Exakt diese Frage trieb auch Elizabeth Blackburn um, eine Biologieprofessorin der Universität von Kalifornien. Um dem Rätsel auf die Spur zu kommen, baute sie (kurz vor Weihnachten 1984) zusammen mit der erst 23 Jahre alten Studentin Carol Greider eine Art künstliche Telomere und tauchte sie in einen Extrakt aus zermahlenen Einzellern. Die junge Studentin konnte das Ergebnis kaum erwarten und so schlich sie sich noch am Weihnachtsabend ins Labor. Als sie die Zellbausteine herausnahm, hörte die Welt für einen Augenblick auf, sich zu drehen. Die Telomere waren wie von Geisterhand verlängert.

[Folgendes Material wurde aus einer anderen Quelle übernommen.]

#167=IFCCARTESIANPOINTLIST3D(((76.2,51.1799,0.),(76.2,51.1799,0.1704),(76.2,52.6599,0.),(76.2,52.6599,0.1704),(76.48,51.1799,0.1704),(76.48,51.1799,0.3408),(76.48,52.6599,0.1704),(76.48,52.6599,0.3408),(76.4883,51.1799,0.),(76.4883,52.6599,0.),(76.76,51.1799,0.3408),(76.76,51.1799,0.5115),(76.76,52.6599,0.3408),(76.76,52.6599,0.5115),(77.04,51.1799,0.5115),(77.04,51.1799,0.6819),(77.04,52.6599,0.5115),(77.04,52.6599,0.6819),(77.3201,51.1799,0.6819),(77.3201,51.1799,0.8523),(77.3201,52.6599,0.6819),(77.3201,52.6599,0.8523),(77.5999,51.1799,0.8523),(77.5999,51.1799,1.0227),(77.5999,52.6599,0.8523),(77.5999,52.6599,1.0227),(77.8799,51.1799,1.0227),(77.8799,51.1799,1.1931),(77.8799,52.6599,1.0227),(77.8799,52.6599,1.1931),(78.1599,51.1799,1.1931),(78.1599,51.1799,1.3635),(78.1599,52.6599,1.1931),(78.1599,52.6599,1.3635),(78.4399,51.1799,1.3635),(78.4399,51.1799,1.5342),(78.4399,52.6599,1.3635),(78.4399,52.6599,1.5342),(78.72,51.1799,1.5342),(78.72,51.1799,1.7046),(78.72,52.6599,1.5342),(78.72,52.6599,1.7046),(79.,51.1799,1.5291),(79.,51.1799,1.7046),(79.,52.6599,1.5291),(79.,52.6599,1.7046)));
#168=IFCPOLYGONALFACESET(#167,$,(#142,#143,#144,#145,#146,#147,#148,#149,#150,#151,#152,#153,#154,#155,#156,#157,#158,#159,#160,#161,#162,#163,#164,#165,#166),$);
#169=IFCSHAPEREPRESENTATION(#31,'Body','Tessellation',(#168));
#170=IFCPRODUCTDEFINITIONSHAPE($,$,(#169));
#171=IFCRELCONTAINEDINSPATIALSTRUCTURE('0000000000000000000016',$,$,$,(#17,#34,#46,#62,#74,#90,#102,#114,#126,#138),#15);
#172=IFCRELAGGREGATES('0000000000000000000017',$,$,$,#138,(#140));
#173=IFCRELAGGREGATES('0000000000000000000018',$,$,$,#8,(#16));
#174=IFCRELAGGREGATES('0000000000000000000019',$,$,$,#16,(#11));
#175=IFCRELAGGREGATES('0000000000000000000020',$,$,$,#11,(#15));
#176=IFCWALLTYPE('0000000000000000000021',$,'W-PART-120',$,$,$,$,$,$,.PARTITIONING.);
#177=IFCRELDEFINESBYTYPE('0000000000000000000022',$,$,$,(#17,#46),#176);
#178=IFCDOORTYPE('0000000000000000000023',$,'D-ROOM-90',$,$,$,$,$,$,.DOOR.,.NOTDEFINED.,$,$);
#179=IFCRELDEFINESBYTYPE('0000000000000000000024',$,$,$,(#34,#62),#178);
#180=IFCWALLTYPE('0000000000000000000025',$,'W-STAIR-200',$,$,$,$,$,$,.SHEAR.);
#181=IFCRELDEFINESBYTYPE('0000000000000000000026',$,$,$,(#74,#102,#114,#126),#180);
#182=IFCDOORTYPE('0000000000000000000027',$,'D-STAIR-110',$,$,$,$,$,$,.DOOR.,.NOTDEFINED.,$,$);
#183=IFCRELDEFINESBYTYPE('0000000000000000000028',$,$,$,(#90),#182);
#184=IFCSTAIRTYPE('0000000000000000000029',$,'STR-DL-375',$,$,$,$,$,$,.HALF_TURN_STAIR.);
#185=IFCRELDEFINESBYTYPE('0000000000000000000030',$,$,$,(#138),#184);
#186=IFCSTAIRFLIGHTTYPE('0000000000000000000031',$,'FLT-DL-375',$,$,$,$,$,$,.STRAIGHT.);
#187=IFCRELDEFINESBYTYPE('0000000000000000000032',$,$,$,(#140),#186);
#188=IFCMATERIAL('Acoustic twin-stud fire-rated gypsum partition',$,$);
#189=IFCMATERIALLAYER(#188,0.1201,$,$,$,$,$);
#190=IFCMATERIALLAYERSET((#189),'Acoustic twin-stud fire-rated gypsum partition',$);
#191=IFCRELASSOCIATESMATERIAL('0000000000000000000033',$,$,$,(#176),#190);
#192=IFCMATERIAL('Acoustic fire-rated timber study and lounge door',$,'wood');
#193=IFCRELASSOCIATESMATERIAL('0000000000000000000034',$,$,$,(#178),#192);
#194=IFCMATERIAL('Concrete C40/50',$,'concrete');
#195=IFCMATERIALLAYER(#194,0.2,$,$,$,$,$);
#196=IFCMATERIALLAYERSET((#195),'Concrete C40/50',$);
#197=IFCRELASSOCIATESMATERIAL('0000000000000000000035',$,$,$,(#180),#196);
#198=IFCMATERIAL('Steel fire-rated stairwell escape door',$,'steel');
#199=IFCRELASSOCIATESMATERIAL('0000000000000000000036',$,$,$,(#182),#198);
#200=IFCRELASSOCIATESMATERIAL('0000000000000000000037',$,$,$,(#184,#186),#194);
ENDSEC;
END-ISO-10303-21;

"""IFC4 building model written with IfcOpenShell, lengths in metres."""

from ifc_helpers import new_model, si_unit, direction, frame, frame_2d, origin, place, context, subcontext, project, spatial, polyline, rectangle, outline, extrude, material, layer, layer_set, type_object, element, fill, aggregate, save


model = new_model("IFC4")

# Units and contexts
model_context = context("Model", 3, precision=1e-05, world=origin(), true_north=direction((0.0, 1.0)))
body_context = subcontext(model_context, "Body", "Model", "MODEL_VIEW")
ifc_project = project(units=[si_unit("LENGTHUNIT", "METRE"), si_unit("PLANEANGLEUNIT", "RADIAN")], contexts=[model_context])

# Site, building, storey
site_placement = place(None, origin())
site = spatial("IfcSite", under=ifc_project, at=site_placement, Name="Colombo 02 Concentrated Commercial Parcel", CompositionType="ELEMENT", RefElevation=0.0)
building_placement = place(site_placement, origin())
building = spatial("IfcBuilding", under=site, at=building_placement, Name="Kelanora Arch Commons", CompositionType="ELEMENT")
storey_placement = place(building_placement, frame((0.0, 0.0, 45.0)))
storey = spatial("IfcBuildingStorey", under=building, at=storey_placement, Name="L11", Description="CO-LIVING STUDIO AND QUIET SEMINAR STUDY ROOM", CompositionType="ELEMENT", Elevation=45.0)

Des Rätsels Lösung lag in einem besonderen Enzym, das Einzeller in großer Menge besitzen. Es hat die Fähigkeit, die sich bei jeder Zellteilung verkürzenden Telomere wieder zu verlängern. Nur so wird das quasi ewige Leben der Einzeller ermöglicht. Die beiden Forscherinnen tauften das erstaunliche Enzym entsprechend seinen Fähigkeiten auf den Namen Telomerase.

Ein Enzym, das Zellen unendlich am Leben halten kann. Ein Baustein der Unsterblichkeit. Was für ein Fund! Wie immer dauerte es, bis die Tragweite erkannt wurde. Doch 2009 wurde Blackburn und Greider sowie dem Biologen Jack Szostak für diesen Durchbruch der Nobelpreis für Physiologie und Medizin verliehen.